Faculty of Behavioural, Management and Social Sciences

University of Twente (UT)

Tharun Iyer

Electrical Engineer

OpenBCI

(More to come!)

Team 1: Gaze Based Attention Monitoring Assessment System
Augustine Wisely Bezalel (Sri Sivasubramaniya Nadar College of Engineering)

This project uses real-time gaze-tracking technology where visual attention is monitored & analysed. WebGazer.js like technologies make the use of standard webcam possible and cost effective. This solution is for education, healthcare, & HCI. During calibration, participants fixate on points to produce baseline gaze data to ensure individuality & accuracy. Participants fixate on specific images with instructions. Integration of Kalman filtering minimizes noise and stabilized gaze data. Heat maps and visuals are generated that present the gaze intensity, assist in understanding trends. This project has made a step in enhancing human attention.

Intro Slides Poster

Team 2: NeuroAgent: A Brain-Aware AI Agent Framework for Adaptive Human-Robot Interaction
Aditya Kumar (Indian Institute of Information Technology, Surat)

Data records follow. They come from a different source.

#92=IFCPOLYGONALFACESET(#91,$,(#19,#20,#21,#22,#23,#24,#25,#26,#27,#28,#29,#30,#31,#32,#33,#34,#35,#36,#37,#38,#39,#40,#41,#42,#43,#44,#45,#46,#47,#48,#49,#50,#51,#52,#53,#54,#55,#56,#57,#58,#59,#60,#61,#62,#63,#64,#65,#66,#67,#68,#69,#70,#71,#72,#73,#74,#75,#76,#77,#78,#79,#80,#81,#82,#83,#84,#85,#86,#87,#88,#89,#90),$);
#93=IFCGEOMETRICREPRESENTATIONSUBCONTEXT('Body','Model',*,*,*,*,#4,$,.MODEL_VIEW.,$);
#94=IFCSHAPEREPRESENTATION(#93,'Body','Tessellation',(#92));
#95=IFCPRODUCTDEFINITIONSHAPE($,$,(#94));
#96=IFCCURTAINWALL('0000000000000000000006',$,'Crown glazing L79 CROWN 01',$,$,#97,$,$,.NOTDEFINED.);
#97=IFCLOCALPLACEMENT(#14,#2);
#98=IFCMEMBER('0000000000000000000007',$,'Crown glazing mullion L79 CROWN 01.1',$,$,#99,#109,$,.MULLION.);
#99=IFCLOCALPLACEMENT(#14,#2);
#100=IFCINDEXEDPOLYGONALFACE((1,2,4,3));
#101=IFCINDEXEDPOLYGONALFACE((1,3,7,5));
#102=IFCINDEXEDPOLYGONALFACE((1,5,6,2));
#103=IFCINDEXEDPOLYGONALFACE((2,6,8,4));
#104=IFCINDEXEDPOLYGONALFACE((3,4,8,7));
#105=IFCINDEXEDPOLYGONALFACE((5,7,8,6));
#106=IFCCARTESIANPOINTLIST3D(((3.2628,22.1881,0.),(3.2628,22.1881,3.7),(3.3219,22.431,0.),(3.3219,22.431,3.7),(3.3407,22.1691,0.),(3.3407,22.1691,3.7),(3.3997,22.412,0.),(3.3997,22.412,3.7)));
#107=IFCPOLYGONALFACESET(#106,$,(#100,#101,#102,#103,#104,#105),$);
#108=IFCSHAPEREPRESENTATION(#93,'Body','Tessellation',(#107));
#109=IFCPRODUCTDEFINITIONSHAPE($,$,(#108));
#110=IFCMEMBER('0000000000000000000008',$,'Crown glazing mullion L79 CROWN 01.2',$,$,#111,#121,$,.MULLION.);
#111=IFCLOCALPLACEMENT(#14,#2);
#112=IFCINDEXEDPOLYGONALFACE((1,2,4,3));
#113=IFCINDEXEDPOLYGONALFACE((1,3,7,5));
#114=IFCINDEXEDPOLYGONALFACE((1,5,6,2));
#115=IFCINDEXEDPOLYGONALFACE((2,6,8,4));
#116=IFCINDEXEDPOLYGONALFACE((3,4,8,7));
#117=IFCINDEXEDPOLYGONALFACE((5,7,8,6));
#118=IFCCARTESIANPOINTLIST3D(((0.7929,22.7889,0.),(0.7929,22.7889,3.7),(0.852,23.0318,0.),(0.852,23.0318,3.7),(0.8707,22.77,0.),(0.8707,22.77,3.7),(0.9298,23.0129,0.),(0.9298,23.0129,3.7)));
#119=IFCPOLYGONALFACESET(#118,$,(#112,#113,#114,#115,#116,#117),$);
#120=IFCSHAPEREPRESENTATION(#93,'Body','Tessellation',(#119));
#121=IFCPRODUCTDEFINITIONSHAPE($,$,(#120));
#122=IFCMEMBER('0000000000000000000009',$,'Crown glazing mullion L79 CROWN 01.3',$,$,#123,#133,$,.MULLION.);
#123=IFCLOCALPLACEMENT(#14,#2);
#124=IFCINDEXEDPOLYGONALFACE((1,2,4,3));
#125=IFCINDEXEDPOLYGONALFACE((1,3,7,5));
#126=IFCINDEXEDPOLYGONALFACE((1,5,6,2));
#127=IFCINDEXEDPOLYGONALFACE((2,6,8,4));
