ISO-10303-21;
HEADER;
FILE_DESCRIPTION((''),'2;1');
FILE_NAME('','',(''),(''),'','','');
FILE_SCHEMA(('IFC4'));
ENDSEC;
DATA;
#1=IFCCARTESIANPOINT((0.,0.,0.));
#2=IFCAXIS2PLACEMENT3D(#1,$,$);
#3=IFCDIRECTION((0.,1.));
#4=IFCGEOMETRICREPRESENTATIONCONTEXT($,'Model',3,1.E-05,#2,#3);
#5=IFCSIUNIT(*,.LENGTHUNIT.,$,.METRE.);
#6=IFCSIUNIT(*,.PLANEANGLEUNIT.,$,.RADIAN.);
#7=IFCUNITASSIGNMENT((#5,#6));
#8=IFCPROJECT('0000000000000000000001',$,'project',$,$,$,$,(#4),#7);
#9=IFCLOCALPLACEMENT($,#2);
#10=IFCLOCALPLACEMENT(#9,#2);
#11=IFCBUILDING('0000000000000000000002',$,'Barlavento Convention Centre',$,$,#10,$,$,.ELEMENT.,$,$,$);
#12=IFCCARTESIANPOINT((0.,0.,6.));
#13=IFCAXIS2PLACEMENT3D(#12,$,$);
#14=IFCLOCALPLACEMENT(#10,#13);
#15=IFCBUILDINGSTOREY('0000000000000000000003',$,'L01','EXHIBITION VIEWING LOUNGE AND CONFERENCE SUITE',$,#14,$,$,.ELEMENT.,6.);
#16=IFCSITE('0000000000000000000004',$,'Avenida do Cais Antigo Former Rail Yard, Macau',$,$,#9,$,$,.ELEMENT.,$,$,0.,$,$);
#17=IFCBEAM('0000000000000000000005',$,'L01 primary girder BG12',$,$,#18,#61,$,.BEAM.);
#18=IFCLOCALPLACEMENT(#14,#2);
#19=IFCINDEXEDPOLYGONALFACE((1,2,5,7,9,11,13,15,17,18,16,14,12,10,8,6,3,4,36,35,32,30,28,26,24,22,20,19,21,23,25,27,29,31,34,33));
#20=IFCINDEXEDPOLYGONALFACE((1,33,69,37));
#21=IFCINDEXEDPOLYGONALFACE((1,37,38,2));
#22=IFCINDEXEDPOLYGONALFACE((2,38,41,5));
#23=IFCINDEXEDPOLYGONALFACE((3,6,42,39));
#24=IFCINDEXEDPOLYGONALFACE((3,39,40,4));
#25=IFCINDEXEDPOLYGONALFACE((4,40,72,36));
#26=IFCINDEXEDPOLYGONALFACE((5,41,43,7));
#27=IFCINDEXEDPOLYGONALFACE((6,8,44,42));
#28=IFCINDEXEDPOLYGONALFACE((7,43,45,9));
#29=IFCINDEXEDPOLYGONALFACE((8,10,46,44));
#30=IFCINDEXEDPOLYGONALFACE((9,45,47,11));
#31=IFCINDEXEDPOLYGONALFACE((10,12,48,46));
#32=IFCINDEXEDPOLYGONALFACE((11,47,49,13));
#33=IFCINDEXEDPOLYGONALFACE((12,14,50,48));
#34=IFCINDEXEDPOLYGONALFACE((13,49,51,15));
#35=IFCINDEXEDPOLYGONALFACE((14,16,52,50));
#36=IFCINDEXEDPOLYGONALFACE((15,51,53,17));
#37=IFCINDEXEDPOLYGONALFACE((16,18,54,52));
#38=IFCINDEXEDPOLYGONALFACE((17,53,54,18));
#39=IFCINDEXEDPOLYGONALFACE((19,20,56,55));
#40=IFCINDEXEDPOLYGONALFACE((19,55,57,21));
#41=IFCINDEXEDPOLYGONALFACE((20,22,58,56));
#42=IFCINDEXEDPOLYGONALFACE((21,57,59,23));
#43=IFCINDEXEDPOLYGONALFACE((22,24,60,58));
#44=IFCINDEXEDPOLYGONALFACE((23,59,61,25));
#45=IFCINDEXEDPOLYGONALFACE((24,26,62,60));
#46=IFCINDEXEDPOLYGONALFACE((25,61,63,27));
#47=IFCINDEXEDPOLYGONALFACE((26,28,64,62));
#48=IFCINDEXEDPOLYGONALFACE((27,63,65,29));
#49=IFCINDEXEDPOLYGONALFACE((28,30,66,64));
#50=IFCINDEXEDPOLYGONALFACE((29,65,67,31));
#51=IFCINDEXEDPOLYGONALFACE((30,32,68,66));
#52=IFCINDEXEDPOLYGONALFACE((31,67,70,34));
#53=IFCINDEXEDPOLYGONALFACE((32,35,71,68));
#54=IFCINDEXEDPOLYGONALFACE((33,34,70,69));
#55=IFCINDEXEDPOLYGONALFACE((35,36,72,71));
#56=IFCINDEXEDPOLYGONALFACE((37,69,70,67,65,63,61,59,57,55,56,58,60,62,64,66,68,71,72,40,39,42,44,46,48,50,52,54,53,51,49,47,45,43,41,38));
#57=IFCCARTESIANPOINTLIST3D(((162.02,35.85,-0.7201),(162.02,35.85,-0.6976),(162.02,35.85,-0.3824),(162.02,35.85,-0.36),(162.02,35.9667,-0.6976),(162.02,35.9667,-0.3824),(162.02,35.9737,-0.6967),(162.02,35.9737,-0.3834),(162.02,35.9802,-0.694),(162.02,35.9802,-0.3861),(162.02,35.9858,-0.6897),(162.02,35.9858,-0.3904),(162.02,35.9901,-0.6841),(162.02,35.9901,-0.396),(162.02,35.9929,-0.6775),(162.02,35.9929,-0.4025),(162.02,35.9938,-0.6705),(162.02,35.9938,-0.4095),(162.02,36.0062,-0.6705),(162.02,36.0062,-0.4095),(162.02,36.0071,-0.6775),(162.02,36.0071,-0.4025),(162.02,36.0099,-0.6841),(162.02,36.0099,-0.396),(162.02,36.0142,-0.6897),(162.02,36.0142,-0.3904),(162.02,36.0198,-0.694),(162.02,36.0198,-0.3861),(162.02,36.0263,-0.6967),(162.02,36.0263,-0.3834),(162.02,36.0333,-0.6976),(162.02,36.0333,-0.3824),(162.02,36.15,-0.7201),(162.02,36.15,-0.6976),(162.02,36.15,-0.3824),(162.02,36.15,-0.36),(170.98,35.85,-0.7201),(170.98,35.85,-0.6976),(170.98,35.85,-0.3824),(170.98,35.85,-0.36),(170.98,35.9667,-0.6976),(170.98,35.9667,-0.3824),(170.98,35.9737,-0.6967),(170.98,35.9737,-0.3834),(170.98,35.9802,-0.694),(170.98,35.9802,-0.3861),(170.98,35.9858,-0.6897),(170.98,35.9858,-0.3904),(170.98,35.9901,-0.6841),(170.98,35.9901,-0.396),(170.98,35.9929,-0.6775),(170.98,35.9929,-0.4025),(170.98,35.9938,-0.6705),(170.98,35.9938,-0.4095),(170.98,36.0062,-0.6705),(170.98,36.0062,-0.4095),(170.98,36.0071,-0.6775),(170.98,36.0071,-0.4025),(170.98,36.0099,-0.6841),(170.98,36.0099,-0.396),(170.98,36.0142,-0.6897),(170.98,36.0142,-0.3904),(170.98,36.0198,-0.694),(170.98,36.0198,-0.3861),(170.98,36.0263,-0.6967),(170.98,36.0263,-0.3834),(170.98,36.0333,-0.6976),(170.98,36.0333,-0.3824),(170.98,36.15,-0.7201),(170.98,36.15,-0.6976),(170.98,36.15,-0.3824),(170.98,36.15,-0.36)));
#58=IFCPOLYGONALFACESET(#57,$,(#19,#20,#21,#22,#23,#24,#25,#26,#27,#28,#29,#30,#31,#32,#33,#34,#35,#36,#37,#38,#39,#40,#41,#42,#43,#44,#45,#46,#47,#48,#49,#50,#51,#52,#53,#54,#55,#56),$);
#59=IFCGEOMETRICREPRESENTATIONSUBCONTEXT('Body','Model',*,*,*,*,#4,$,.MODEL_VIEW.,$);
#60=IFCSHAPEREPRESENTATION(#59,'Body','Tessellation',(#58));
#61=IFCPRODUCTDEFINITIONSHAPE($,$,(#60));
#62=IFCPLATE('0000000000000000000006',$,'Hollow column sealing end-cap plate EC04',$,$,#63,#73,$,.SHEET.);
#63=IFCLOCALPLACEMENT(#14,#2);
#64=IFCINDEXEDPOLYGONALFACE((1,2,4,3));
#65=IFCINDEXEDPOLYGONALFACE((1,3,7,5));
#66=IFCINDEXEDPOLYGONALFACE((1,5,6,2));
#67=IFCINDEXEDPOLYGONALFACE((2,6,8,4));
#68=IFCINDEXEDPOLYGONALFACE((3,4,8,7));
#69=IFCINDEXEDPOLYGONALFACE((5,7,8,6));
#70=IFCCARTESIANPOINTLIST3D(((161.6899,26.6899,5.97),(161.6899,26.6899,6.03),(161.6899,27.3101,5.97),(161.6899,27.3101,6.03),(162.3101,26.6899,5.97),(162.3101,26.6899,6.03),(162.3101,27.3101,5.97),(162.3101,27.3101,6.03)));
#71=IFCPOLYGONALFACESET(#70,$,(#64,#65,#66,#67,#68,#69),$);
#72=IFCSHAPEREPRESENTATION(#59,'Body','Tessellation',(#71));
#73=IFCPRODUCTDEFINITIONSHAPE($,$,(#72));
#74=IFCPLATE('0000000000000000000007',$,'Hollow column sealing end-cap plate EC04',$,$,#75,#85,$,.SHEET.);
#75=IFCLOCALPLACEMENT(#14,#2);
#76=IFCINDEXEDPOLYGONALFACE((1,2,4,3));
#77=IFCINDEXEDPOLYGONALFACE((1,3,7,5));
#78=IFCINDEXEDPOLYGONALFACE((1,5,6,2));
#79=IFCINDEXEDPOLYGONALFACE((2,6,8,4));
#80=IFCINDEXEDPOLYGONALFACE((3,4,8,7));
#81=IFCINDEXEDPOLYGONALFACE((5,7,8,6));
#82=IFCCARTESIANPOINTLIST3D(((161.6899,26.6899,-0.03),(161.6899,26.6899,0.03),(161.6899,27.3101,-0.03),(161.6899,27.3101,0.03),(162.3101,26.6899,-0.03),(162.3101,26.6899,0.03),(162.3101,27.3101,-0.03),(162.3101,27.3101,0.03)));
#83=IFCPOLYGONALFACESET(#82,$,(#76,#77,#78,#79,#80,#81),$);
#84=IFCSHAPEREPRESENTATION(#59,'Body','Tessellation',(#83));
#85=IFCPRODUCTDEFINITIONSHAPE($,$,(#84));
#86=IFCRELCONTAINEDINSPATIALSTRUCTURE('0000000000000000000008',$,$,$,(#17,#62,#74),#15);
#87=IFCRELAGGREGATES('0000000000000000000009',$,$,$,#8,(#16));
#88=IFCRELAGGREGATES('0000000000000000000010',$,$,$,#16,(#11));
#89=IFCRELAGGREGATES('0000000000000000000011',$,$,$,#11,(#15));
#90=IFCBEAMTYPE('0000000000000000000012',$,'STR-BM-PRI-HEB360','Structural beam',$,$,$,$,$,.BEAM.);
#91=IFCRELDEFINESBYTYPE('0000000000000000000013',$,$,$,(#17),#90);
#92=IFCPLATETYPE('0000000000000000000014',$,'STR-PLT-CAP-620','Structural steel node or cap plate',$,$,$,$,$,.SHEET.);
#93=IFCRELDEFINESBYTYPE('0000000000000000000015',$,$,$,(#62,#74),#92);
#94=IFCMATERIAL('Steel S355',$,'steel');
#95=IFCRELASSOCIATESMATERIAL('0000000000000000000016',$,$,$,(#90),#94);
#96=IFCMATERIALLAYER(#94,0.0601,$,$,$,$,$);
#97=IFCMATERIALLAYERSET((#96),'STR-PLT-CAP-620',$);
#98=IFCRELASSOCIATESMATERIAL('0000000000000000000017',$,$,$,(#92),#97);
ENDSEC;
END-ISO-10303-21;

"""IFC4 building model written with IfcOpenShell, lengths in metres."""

from ifc_helpers import new_model, si_unit, direction, frame, origin, origin_2d, place, context, subcontext, project, spatial, rectangle, i_section, extrude, material, layer, layer_set, material_profile, profile_set, type_object, element, save


model = new_model("IFC4")

# Units and contexts
model_context = context("Model", 3, precision=1e-05, world=origin(), true_north=direction((0.0, 1.0)))
body_context = subcontext(model_context, "Body", "Model", "MODEL_VIEW")
ifc_project = project(units=[si_unit("LENGTHUNIT", "METRE"), si_unit("PLANEANGLEUNIT", "RADIAN")], contexts=[model_context])

# Site, building, storey
site_placement = place(None, origin())
site = spatial("IfcSite", under=ifc_project, at=site_placement, Name="Avenida do Cais Antigo Former Rail Yard, Macau", CompositionType="ELEMENT", RefElevation=0.0)
building_placement = place(site_placement, origin())
building = spatial("IfcBuilding", under=site, at=building_placement, Name="Barlavento Convention Centre", CompositionType="ELEMENT")
storey_placement = place(building_placement, frame((0.0, 0.0, 6.0)))
storey = spatial("IfcBuildingStorey", under=building, at=storey_placement, Name="L01", Description="EXHIBITION VIEWING LOUNGE AND CONFERENCE SUITE", CompositionType="ELEMENT", Elevation=6.0)

# Shared definitions
ifc_material_1 = material(Name="Steel S355", Category="steel")

# Beam
ifc_material_profile_1 = material_profile(ifc_material_1, i_section(OverallWidth=0.3, OverallDepth=0.3601, WebThickness=0.0125, FlangeThickness=0.0225, FilletRadius=0.0271, at=origin_2d()), Name="HEB 360")
ifc_profile_set_1 = profile_set([ifc_material_profile_1], Name="Steel S355")
beam_type_1 = type_object("IfcBeamType", Name="STR-BM-PRI-HEB360", Description="Structural beam", PredefinedType="BEAM", material=ifc_profile_set_1)
beam_1_placement = place(storey_placement, frame((162.02, 36.0, -0.54), z_axis=(1.0, 0.0, 0.0), x_axis=(0.0, 1.0, 0.0)))
element("IfcBeam", 1, at=beam_1_placement, inside=storey, type_object=beam_type_1, Name="L01 primary girder BG12", PredefinedType="BEAM", context=body_context, shape_type="SweptSolid", body=[
    extrude(i_section(OverallWidth=0.3, OverallDepth=0.3601, WebThickness=0.0125, FlangeThickness=0.0225, FilletRadius=0.0271, at=origin_2d()), origin(), (0.0, 0.0, 1.0), 8.96),
])

# Plates
ifc_layer = layer(ifc_material_1, 0.0601)
ifc_layer_set = layer_set([ifc_layer], Name="STR-PLT-CAP-620")
plate_type = type_object("IfcPlateType", Name="STR-PLT-CAP-620", Description="Structural steel node or cap plate", PredefinedType="SHEET", material=ifc_layer_set)
for number, where, z_axis, x_axis, name in (
    (2, (162.0, 27.0, 5.97), (0.0, 0.0, 1.0), (1.0, 0.0, 0.0), "Hollow column sealing end-cap plate EC04"),
    (3, (162.0, 27.0, -0.03), (0.0, 0.0, 1.0), (1.0, 0.0, 0.0), "Hollow column sealing end-cap plate EC04"),
):
    element("IfcPlate", number, at=place(storey_placement, frame(where, z_axis=z_axis, x_axis=x_axis)), inside=storey, type_object=plate_type, Name=name, PredefinedType="SHEET", context=body_context, shape_type="SweptSolid", body=[
        extrude(rectangle(XDim=0.6201, YDim=0.6201, at=origin_2d()), origin(), (0.0, 0.0, 1.0), 0.0601),
    ])

save(model, "model.ifc")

Traditional Human-Robot Interaction (HRI) systems often lack cognitive smoothness—the seamless alignment between human perceptual states and robotic behavior. This paper introduces NeuroAgent, a brain-aware AI framework designed to perceive, interpret, and adapt to a human partner’s cognitive and emotional state in real time. The architecture fuses multimodal neurophysiological and behavioral signals through three synergistic layers: (1) a Multimodal Sensing Layer that integrates electroencephalography (EEG) for attention, workload, and emotion analysis, electrodermal activity (EDA) for arousal, and behavioral cues such as facial micro-expressions and voice prosody; (2) an AI Cognition Layer, powered by a multi-agent reasoning system built upon Large Language Models (LLMs), where cognitive, behavioral, and conversational agents collaborate using a novel Cognitive Retrieval-Augmented Generation (RAG) pipeline to ground AI reasoning in the user’s live neuro-physiological context; and (3) an Embodied Output Layer, where decisions manifest through physical (ROS-based) or virtual (Unity-based) embodiments, enabling adaptive gestures, modulated speech tone, and dynamic task complexity adjustment.

Intro Slides

Team 3: Toward Falsifiable Grammars for NeuroDesign in HRI
Vinay Kumar Verma (Indraprastha Institute of Information Technology)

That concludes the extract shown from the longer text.